Just getting there had its moments. When we stopped in Antonito to get some snacks from the trailer, people driving by kept looking at us. Sure, Antonito seems a little insular, but why the stares?

Maybe it was because the Jeep and the pop-up trailer were liberally coated with mud.

Conditions on the Secret Cut-off Road had been worse than I had expected. Seeing the trailer in the rear-view mirror going sideways is unsettling. All I could think was, "This would be worse if I were going downhill."

We kept going and later in the afternoon reached the Forest Service campground that was our destination. About 5:30 p.m. it started raining. That would be the pattern: two-hour downpours each afternoon or evening.

But with a hot meal, wine, a good book, and a Coleman lantern, all was good.

Friday morning I got up (mist-filtered sun), put on hip boots, and walked to one of my favorite fishing spots. The river looked like chocolate milk. A tributary stream was re-enacting the June run-off.

Walking back to the campground, I picked a few mushrooms. That would be the theme.

(to be continued)

* No, there was no name tag. I am joking.

July 02, 2013

Some Days I Just Don't Do 'Catch and Release'




Semi-wild rainbow trout caught in this county. Rice. Green salad, partly from our CSA farmer and partly from other organic sources. Fetzer wine, because a good friend used to live behind the winery, and because they try to be "sustainable."

May 31, 2013

Fish Free in Colorado June 1–2

This is Colorado's free fishing weekend — no license required.

From the Colorado Parks & Wildlife news release:
Each year, the agency designates the first weekend in June as the only two-day period that anglers all around the state are not required to have a fishing license. For the rest of the year a fishing license is required for anyone 16 years and older.      

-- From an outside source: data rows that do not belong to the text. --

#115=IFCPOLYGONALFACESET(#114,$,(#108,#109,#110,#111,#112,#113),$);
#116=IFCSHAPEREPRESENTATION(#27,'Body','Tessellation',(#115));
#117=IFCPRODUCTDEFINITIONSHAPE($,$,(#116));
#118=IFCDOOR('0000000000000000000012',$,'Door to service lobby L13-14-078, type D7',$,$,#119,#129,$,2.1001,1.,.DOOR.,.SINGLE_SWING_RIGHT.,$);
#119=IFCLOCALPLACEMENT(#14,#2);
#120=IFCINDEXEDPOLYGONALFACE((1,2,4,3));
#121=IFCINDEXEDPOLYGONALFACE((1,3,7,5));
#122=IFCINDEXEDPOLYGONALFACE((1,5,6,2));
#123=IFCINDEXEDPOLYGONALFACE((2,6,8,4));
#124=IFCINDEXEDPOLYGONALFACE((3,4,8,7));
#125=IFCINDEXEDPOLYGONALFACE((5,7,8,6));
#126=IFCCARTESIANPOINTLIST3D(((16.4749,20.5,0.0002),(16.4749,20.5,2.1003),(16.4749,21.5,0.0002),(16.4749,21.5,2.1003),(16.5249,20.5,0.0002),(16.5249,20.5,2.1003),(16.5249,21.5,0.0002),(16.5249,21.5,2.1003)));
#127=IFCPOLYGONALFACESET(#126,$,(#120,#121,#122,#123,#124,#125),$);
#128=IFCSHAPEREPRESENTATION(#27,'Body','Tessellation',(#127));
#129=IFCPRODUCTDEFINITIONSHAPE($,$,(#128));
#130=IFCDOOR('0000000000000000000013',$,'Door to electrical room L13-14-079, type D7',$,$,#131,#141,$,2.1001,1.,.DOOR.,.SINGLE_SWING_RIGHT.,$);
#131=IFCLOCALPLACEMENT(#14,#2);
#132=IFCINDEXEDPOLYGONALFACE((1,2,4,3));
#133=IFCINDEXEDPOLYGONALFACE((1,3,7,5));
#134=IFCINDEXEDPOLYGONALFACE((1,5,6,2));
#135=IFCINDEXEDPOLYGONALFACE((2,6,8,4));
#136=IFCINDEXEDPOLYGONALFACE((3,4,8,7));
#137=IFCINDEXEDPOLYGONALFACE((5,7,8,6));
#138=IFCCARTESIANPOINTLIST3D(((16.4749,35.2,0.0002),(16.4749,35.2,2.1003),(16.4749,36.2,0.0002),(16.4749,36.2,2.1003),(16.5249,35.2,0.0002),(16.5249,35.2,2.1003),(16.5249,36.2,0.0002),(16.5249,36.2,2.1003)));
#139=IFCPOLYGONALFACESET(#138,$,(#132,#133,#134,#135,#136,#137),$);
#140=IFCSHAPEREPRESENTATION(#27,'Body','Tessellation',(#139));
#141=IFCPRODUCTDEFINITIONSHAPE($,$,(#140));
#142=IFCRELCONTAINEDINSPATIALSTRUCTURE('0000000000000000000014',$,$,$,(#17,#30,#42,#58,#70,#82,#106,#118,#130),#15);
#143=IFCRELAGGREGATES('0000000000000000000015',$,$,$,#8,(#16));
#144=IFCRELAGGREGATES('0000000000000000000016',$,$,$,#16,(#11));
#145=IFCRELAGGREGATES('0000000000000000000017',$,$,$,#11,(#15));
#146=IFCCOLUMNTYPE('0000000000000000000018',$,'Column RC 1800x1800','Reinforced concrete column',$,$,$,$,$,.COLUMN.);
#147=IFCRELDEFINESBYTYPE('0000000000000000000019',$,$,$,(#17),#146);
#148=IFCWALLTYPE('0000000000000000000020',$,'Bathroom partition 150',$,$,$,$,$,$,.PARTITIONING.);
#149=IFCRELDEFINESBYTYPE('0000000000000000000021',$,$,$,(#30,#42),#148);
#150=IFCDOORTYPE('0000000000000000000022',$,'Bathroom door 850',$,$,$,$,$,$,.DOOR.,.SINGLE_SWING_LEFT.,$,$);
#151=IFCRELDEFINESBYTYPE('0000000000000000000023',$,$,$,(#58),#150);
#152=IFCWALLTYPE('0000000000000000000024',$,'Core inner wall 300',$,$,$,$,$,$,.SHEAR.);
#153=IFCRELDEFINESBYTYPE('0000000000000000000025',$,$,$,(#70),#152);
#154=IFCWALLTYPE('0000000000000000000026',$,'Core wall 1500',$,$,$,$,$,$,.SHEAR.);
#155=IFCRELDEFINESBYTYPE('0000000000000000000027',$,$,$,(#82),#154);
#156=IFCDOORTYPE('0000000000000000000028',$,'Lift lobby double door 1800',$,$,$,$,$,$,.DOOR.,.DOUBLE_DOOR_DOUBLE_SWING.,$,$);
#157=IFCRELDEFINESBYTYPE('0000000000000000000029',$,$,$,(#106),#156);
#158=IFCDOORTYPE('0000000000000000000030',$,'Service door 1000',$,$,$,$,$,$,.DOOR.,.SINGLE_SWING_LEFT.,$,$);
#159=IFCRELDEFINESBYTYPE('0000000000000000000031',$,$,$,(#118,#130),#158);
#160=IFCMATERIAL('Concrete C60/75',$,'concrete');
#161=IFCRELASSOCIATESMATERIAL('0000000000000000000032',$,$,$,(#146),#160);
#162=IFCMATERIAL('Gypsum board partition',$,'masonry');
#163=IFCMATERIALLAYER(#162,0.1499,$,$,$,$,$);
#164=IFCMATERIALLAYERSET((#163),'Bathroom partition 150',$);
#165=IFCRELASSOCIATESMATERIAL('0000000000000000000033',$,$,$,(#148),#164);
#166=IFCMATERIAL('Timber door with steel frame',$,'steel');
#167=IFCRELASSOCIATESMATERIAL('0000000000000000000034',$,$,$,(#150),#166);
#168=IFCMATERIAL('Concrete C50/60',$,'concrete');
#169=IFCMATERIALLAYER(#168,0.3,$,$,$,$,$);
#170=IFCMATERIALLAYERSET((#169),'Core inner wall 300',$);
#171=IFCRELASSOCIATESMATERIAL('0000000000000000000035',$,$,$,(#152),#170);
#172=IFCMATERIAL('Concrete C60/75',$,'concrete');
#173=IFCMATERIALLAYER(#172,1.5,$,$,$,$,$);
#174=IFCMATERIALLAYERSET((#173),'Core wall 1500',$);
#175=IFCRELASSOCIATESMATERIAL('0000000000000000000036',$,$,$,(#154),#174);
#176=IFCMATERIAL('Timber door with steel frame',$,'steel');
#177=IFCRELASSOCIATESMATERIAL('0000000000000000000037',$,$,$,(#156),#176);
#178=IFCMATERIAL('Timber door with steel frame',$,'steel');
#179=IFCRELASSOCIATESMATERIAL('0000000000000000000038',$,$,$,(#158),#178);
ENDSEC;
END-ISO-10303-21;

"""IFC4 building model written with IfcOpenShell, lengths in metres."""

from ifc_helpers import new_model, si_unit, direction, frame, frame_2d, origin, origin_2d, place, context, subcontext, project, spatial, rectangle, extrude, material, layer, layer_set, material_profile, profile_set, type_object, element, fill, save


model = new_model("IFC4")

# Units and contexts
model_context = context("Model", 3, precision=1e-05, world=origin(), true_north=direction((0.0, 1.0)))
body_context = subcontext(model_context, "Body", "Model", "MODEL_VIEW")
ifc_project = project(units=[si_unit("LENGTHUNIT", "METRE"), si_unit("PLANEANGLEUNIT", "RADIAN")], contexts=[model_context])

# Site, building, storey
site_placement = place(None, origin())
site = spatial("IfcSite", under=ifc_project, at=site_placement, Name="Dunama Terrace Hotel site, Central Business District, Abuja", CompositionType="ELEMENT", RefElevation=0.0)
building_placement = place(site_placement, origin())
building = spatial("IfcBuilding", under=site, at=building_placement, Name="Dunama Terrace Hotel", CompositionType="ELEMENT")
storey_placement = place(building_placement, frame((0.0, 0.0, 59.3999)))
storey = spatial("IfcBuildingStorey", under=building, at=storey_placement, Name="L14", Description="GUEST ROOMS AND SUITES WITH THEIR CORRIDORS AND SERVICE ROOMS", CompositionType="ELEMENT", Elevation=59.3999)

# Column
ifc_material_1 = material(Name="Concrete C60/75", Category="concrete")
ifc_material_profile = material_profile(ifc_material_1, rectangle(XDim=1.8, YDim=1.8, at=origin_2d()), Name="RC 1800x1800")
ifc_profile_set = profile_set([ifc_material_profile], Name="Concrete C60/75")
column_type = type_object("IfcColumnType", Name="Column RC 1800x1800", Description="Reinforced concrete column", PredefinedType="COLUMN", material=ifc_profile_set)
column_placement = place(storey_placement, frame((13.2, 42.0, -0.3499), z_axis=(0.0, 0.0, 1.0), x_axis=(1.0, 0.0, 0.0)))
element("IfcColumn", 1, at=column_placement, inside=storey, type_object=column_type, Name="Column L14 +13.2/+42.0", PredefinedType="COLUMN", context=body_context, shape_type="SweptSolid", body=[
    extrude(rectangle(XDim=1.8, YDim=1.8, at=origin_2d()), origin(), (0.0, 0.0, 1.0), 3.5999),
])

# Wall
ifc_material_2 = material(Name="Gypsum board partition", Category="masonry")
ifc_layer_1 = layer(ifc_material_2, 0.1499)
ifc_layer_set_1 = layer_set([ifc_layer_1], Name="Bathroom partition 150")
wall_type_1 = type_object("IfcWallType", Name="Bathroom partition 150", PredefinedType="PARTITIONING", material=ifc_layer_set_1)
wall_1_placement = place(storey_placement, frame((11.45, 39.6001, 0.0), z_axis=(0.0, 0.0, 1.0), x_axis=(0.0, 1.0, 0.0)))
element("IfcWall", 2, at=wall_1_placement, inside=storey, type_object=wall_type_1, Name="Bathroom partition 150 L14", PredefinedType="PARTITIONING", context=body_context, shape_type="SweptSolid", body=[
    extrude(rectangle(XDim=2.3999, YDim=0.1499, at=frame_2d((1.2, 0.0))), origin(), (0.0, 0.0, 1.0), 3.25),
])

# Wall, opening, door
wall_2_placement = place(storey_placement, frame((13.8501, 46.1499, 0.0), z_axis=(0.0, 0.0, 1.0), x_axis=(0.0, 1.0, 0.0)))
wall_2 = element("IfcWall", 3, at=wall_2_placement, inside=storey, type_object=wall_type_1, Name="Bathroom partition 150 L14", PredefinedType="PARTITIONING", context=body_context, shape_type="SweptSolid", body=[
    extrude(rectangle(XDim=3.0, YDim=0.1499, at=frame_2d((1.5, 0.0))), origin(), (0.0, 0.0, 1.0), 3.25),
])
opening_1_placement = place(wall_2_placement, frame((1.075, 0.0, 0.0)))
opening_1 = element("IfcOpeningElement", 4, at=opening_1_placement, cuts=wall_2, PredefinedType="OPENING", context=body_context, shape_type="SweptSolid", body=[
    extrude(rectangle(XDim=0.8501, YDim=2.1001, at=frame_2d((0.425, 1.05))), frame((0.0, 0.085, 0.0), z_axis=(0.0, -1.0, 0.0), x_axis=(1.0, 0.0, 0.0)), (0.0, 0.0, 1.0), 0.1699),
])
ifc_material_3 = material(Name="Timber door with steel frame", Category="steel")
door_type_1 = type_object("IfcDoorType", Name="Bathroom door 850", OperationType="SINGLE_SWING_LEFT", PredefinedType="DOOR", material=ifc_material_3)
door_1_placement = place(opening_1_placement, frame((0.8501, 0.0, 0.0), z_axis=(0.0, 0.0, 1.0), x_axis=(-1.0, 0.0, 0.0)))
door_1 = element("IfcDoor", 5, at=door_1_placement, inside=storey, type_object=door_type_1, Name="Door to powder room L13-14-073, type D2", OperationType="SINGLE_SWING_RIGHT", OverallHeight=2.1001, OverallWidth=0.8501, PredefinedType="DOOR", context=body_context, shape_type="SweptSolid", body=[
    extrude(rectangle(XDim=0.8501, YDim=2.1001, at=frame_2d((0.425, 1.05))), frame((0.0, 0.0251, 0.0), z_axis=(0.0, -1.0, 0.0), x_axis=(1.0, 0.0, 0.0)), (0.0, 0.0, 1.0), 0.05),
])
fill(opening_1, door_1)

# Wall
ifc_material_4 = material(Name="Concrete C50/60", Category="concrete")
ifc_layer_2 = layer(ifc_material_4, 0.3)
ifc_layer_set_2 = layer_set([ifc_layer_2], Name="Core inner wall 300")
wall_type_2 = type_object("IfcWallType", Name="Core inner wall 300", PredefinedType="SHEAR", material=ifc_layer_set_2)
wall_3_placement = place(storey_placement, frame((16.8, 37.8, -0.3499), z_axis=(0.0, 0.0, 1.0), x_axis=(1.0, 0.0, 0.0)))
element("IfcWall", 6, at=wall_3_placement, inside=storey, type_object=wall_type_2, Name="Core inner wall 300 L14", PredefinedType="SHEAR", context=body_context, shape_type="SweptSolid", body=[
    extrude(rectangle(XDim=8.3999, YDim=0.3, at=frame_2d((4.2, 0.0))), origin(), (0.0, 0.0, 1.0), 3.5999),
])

A recent survey of resident and non-resident anglers revealed a high level of satisfaction with fishing experiences in Colorado. Anglers said they especially like to pursue the numerous trout species available in state waters. The majority of fish caught in Colorado are stocked by the agency, and each year more than 3 million catchable-sized trout and 14 million trout fingerlings are stocked into the more than 2,000 lakes, ponds and reservoirs around the state.
       
While fishing licenses are not required during free fishing weekend, all other regulations remain in effect. Anglers should consult the 2013 Colorado Fishing brochure for specific regulations and restrictions for the waters where they'll be fishing.
       
Fishing licenses can be purchased at any Colorado Parks and Wildlife office or from one of the more than 600 license agents across the state.  Licenses can also be purchased online. Anglers may also purchase a fishing license over the phone and receive a temporary authorization number allowing them to fish immediately by calling 800-244-5613.

April 26, 2013

Low Water on the Arkansas

River running about 200 cfs
The guide scrambles back into his seat after dragging the raft through a riffle. Sport #1 is fishing. Sport #2 (stern) seems drowsy. Maybe he drank his lunch. Photo taken near Howard, Colorado.